In saying this, I do not want to underestimate the very dark side of the European history, whose your community have suffered so much.

It is in reaction to that terrible time that the European idea arose and asserted itself: those who built a Europe of peace wished never to relive the tribulations and horrors of the past.

There is no doubt that Anti-Semitism and also other forms of racism and discriminations have no place in European society, should indeed have no place in any society. We are a Union that treasures diversity and protects the rights individuals to lead their lives as they wish. As the President of the European Commission, I want to express you my cogent commitment to constantly and vigorously oppose the forces of Anti-Semitism and any other forces that are against minorities or that do no respect values of Human dignity. This I will never tolerate, and I intend to battle unremittingly against those who feel that the future of Europe should be a place of less hope, less tolerance and less freedom.

Hopefully, in the history of the Shoah, the absolute desperation that overcame so many families went hand-in-hand with the admirable deeds of men and women whose courage and altruism saved many other lives.

As a Portuguese citizen, and as a former Prime Minister and Minister of Foreign Affairs of Portugal, I am particularly delighted that my compatriot, that we have quoted, Aristides de Sousa Mendes, was one of those men, one of the "righteous among the nations"; his heroism and selflessness have made him a true legend of modern history. And I'm pleased also to notice that the International Raoul Wallenberg Foundation is associated as fiscal, as financial sponsor of the movie "The Consul of Bordeaux", which deals with the life and feats of that Portuguese diplomat saviour. We have indeed to encourage all that is done to help divulging the story of this hero.

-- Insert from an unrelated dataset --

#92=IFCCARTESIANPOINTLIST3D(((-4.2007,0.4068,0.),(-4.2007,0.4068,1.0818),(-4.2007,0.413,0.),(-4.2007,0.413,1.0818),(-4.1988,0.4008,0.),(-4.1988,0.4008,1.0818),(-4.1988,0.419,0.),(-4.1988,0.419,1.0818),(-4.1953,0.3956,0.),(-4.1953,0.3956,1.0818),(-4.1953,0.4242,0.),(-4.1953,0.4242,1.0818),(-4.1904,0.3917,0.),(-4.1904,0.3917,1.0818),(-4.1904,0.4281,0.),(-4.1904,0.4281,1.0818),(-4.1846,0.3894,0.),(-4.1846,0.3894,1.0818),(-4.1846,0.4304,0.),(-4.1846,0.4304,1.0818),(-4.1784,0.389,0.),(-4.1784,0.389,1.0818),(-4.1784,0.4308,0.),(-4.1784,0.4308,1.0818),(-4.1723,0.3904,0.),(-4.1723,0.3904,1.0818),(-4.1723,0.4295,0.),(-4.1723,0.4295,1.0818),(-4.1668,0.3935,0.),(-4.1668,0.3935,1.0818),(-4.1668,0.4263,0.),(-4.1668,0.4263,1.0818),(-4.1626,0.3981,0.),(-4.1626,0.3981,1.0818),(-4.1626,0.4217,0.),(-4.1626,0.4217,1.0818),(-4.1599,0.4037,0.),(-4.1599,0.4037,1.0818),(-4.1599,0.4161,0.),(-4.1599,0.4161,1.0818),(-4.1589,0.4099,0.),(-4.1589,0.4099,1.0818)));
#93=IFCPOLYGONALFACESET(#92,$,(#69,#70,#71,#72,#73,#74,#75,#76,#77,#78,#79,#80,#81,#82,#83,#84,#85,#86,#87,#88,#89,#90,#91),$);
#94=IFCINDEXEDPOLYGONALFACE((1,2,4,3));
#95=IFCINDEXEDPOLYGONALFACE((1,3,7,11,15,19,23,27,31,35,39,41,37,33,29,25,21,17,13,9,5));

By the way, let me tell you that in my experience in the government of Portugal it happened to me very often that when I went to New York and in gatherings, sometimes at the end of my conferences, someone was approaching me and saying, "look, I come here not specifically because I am interested in the topic of your conference but because my family was saved by Aristides de Sousa Mendes or my family could escape Europe through Lisbon". It happened to me in conferences in New York three or four times. It shows that these memories of those families are kept after all these years.

It is always a source of pride and inspiration for me and I think it is important that these cases are better known, because one thing is, of course, to read history, to read figures, to read big categories of History, another thing is to know History by the deeds of concrete men and women and it illustrates in a much more dramatic way what happened. That is why we have here also today the memory of Raoul Wallenberg, alive.

I would like to thank you for keeping the memory and the acts of one such person, a great Swedish diplomat, a truly hero alive. These are the kind of examples we need also for our daily life.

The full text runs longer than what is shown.